Quoting [2]: “We developed a panel of 40 multiplexed short insertion-deletion (indel) polymorphic loci with widespread chromosomal locations and allele frequencies close to 0.50 in the European population. (…)The average heterozygosity (gene diversity) per locus was 0.48…”

Quoting [3]: “Using a panel of 40 validated ancestry-informative insertion-deletion DNA polymorphisms we estimated individually the European, African and Amerindian ancestry components of 934 self-categorized White, Brown or Black Brazilians from the four most populous regions of the Country. We unraveled great ancestral diversity between and within the different regions.”

References:

[1] Bastos-Rodrigues L, Pimenta JR, Pena SD (2006) The genetic structure of human populations studied through short insertion-deletion polymorphisms. Annals of Human Genetics 70: 658-665.

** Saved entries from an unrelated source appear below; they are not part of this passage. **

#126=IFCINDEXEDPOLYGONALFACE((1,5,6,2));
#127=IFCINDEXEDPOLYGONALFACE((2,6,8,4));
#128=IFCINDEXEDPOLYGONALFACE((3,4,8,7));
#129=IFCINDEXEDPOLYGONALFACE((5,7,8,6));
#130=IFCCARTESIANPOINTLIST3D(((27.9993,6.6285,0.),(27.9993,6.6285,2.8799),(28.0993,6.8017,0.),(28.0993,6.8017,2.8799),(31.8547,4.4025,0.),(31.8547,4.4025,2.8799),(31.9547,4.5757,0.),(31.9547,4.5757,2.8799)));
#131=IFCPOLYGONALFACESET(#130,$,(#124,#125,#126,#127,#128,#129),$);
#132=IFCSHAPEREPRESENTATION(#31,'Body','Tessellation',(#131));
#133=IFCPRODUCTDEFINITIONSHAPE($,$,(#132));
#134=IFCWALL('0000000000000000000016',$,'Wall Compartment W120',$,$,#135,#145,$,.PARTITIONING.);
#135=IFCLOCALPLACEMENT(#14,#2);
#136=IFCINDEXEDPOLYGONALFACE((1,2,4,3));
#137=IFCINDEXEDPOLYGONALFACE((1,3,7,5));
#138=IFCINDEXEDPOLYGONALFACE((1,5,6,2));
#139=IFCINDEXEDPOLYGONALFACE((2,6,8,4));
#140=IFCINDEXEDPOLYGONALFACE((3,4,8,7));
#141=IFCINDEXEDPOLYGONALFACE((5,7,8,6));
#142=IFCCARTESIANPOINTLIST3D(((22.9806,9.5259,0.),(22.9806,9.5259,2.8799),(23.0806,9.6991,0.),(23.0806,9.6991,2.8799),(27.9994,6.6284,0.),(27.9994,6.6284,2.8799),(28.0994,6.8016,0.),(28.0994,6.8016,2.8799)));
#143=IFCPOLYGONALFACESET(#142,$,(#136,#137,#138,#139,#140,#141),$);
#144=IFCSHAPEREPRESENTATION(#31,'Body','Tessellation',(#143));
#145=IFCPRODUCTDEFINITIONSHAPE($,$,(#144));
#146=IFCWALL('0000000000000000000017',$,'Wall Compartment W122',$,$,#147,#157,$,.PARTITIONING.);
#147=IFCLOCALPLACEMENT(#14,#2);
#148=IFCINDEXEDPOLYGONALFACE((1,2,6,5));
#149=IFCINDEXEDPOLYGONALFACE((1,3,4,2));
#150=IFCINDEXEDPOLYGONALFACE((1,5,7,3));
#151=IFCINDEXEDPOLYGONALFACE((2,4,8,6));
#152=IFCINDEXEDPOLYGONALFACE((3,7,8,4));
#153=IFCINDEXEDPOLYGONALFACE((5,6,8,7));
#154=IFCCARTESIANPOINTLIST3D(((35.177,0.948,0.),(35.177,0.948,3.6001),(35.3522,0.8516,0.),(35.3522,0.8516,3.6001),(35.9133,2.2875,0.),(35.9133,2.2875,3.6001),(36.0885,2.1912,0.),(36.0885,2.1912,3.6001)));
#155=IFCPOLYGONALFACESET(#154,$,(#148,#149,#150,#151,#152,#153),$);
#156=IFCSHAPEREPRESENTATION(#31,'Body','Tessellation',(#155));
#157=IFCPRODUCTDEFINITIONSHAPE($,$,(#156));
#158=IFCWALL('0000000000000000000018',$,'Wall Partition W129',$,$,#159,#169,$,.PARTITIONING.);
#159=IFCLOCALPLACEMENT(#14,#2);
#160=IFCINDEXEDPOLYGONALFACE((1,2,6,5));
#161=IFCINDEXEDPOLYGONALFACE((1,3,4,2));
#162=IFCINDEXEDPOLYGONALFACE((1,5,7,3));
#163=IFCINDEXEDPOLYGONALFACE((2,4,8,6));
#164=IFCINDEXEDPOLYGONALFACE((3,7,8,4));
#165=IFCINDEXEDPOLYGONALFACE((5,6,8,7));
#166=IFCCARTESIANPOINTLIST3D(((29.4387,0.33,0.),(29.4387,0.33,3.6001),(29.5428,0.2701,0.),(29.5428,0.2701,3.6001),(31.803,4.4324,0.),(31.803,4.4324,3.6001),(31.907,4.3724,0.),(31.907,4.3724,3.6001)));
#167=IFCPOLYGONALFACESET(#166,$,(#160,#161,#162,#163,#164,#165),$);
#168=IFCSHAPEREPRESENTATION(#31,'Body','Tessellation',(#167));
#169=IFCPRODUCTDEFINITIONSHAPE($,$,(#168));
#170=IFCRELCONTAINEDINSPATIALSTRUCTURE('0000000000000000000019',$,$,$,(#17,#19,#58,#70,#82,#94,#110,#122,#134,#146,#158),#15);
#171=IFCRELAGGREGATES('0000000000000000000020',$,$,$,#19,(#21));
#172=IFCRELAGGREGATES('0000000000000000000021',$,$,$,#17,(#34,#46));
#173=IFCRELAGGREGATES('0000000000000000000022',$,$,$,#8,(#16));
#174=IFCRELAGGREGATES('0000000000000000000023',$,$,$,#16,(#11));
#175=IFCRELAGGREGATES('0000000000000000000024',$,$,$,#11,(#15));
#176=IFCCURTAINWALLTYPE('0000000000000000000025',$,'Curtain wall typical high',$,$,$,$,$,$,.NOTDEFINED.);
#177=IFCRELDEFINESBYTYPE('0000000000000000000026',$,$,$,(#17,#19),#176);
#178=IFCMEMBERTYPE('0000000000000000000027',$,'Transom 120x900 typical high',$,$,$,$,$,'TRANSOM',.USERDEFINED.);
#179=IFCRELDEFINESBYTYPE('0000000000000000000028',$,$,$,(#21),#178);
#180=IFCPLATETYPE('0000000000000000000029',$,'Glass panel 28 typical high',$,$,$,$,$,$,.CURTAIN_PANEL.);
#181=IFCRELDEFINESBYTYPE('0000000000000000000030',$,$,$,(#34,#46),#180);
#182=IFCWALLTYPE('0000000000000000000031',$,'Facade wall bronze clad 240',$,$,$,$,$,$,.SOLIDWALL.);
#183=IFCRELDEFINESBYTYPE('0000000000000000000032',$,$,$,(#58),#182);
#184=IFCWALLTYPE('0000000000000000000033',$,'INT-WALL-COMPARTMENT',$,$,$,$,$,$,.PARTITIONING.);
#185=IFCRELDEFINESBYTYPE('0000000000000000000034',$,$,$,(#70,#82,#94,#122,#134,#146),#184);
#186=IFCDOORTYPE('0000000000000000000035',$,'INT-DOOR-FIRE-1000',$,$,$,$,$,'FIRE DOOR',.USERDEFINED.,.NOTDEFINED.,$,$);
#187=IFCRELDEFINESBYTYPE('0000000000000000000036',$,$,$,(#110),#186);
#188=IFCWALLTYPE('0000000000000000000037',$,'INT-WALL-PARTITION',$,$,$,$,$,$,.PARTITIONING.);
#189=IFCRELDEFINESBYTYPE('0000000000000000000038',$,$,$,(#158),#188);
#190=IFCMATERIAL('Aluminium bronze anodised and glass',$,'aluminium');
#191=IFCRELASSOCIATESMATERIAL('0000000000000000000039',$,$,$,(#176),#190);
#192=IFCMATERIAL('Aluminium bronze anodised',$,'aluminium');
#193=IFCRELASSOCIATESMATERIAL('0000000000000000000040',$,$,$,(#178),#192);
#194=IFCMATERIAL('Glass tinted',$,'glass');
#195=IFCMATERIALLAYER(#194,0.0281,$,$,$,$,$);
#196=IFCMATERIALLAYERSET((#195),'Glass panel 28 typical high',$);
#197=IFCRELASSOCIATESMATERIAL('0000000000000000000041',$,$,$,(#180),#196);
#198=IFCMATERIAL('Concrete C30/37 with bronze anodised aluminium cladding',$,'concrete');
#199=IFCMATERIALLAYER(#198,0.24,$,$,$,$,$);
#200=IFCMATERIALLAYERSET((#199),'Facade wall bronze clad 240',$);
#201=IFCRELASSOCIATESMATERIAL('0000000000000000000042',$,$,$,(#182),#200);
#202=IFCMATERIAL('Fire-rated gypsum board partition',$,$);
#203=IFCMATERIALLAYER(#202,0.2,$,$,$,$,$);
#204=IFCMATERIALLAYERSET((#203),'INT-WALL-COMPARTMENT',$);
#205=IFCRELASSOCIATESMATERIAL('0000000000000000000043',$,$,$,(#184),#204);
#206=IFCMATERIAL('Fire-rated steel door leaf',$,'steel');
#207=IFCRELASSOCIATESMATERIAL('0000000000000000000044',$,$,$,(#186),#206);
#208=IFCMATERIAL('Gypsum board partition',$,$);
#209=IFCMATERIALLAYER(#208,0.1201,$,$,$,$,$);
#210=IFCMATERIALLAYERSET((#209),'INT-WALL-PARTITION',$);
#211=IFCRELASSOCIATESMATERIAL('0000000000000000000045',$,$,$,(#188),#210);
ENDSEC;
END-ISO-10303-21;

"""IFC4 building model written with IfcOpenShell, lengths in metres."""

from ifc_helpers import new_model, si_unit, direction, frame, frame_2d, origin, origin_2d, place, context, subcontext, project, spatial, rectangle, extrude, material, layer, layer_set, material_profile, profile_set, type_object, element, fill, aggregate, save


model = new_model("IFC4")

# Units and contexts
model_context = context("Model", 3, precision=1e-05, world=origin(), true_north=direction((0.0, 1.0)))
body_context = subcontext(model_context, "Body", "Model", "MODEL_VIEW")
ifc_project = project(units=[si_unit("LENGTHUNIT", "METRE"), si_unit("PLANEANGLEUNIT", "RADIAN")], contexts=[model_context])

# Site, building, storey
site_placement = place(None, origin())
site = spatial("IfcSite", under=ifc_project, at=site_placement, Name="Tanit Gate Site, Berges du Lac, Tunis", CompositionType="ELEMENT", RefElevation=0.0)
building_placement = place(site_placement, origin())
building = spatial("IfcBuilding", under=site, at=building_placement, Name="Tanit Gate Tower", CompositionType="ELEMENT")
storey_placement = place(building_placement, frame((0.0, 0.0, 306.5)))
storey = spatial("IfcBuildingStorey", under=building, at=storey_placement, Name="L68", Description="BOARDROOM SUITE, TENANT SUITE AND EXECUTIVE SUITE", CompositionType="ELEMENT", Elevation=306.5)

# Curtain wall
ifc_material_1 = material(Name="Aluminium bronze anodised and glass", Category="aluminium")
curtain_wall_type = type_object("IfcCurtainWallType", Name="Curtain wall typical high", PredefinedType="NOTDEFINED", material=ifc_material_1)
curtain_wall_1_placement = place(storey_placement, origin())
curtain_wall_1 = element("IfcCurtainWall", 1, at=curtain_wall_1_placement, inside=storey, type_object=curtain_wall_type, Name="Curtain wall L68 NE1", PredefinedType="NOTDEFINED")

[2] Pimenta JR, Pena SD (2010) Efficient human paternity testing with a panel of 40 short insertion-deletion polymorphisms. Genetics and Molecular Research 9: 601-607.

[3] Pena SD, Di Pietro G, Fuchshuber-Moraes M, Genro JP, Hutz MH, et al. (2011) The Genomic Ancestry of Individuals from Different Geographical Regions of Brazil Is More Uniform Than Expected. PLoS ONE 6: e17063.

Competing interests declared: I work in a related subject.